Image Reconstruction (including machine learning)
Junyu Wang, PhD
Postdoctoral Fellow
Stanford University
Palo Alto, California, United States
Junyu Wang, PhD
Postdoctoral Fellow
Stanford University
Palo Alto, California, United States
Michael Salerno, MD, PhD, MSc
Professor
Stanford University, California, United States
First-pass contrast-enhanced myocardial perfusion imaging is useful for evaluating coronary artery disease1. 2D single-slice (SS) Cartesian perfusion imaging using compressed sensing (CS)-based image reconstructions such as L1-SENSE2 enables fast and high-resolution imaging, but whole-heart coverage cannot be achieved without simultaneous multi-slice (SMS) imaging and the reconstruction is typically performed off-line (~45 minutes per slice). To address these limitations, we developed a deep learning-based (DL) reconstruction technique for high-resolution Cartesian perfusion imaging at 3 Tesla (T), for both SS and SMS MB=2 acquisitions, which provides fast and high-quality reconstruction and makes rapid online reconstruction feasible.
Methods:
Figure 1-A shows the proposed physics-driven unrolled image reconstruction network, which consists of several denoising modules, and each module has a CNN-based denoiser and data fidelity update preserving fine features. 4 repetitive denoising modules were implemented which is the maximum capacity allowed in our GPU (NVIDIA Tesla A100, 40 GB memory) due to memory limitation.
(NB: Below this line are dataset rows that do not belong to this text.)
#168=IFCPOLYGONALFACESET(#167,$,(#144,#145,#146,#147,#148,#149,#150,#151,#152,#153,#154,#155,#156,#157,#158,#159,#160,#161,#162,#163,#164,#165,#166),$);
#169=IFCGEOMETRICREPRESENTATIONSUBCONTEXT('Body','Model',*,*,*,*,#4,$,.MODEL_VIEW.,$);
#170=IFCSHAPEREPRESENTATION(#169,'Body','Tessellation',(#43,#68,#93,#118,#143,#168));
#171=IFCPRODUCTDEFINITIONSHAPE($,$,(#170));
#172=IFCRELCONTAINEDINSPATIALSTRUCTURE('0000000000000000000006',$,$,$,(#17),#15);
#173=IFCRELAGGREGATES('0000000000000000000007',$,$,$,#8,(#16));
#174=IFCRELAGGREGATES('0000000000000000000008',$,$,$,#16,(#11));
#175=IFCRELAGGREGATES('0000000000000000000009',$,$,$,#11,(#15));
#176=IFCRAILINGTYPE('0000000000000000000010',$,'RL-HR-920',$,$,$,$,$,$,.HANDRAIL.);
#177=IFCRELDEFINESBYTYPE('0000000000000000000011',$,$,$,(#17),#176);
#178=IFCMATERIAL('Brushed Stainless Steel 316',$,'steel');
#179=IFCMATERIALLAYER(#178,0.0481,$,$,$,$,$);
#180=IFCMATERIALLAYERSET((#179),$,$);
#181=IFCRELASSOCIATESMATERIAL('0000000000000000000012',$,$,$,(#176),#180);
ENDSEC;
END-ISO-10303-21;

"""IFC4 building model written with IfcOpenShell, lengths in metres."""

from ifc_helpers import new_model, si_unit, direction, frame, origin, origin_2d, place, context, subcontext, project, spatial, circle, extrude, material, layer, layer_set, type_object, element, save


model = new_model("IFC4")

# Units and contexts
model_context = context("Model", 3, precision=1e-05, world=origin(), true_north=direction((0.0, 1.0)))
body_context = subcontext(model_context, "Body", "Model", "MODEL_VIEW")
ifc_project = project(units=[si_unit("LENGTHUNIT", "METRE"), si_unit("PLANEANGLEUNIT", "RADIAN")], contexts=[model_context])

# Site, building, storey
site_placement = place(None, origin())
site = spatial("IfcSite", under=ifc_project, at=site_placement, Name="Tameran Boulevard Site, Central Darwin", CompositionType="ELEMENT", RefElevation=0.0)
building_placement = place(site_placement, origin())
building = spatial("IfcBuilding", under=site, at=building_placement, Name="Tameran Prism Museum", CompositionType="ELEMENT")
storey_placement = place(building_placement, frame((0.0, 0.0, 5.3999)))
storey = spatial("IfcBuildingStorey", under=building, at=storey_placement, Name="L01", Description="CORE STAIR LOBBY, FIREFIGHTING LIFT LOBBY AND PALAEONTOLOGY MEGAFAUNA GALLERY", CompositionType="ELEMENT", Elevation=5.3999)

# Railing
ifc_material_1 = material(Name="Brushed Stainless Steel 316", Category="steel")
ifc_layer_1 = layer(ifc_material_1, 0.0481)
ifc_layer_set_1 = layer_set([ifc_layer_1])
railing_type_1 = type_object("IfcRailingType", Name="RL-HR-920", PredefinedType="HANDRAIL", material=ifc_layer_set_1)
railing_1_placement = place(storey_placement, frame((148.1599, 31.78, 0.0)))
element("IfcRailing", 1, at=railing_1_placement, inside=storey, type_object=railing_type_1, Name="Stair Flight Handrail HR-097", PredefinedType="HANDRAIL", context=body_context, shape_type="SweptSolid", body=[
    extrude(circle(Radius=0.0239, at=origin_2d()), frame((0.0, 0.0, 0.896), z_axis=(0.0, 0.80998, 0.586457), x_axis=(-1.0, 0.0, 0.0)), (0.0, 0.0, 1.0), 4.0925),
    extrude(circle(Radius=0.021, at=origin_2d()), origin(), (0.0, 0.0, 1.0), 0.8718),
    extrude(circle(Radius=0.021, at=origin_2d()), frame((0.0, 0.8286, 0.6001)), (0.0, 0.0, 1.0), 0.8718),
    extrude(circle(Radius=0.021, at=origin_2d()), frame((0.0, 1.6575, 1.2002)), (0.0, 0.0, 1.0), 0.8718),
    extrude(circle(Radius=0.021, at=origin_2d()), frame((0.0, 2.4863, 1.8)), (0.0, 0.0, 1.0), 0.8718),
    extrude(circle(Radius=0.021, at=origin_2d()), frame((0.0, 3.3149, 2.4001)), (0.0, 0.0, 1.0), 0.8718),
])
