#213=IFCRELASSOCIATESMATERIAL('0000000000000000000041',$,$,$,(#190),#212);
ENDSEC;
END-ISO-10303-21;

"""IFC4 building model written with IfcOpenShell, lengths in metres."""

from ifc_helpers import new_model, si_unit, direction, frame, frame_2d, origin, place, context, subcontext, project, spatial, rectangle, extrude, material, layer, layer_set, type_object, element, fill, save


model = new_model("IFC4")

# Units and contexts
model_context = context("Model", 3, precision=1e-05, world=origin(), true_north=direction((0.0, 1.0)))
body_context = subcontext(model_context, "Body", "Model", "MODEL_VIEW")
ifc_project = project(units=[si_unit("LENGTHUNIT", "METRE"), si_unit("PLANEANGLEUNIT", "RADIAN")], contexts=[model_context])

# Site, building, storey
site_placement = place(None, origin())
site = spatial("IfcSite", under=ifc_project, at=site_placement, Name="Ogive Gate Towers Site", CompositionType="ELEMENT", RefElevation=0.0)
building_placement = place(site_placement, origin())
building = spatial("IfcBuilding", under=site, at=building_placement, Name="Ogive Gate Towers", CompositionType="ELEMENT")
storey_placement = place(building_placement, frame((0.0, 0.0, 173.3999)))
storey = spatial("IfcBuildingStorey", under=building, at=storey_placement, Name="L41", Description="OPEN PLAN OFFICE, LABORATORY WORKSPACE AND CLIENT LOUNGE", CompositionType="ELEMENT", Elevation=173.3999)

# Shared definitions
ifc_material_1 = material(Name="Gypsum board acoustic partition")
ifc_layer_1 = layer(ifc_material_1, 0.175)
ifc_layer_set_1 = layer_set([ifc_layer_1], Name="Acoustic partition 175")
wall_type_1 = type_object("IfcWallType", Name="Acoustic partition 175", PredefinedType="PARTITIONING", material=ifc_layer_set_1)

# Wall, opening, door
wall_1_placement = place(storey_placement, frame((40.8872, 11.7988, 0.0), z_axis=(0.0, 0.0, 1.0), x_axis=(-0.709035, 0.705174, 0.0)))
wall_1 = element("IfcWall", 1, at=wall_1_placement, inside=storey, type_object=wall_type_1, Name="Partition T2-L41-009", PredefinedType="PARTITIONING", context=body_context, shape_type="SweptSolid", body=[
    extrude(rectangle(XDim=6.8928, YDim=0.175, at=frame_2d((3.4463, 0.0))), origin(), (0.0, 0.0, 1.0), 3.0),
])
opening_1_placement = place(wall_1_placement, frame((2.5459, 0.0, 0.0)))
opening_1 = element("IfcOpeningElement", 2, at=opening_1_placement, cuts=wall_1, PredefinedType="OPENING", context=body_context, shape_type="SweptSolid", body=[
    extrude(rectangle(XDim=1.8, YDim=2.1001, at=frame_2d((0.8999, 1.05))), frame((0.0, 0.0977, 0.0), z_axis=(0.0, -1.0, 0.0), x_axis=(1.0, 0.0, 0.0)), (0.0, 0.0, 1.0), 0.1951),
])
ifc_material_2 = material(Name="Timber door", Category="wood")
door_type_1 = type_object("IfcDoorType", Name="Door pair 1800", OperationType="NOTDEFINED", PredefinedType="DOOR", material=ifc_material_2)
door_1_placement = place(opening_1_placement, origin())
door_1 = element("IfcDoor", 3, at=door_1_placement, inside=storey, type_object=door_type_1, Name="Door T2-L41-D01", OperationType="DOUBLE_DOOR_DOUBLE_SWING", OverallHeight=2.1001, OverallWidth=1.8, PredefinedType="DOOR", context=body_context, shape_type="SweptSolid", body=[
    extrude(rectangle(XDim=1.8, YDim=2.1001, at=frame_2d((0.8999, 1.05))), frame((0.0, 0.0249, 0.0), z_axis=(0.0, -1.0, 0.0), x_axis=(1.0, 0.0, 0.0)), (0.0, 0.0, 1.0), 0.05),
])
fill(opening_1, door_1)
Shared weights were utilized for each denoising module. The inputs to the network are concatenated single-channel complex-valued image series after coil combination3. Detailed acquisition parameters are listed in Figure 1-B. SS and SMS have a total acceleration of 4 and 8 (4*SMS MB=2), respectively.
To test the performance, 25 perfusion data from 10 healthy volunteers and 5 patients undergoing clinically ordered CMR studies with gadolinium on 3 T scanners (SIEMENS Prisma/Skyra) were used. 30 slices from 10 subjects with SS acquisitions were used for training. Another 15 slices from 5 subjects with SS and 30 slices from 5 subjects with SMS acquisitions were used for testing. Prospective images reconstructed using both (SMS)-L1-SENSE and DL were graded by an experienced cardiologist (5, excellent; 1, poor).
Results:
For SS acquisitions, image quality scores were 4.5 [4 ,5] and 3.6 [3.5, 4] for L1-SENSE and DL, respectively. For SMS MB=2 acquisitions, the scores were 3.7 [2.5, 4.5] and 3.3 [2.4, 4] for SMS-L1-SENSE and DL, respectively. DL results were inferior to CS reconstruction (p< 0.05). The main limitation in the image quality of the DL reconstruction was mild temporal flickering which may be improved with further optimization of the k-t sampling pattern or reconstruction network. All but 1 DL cases had clinically acceptable image quality (score > 3).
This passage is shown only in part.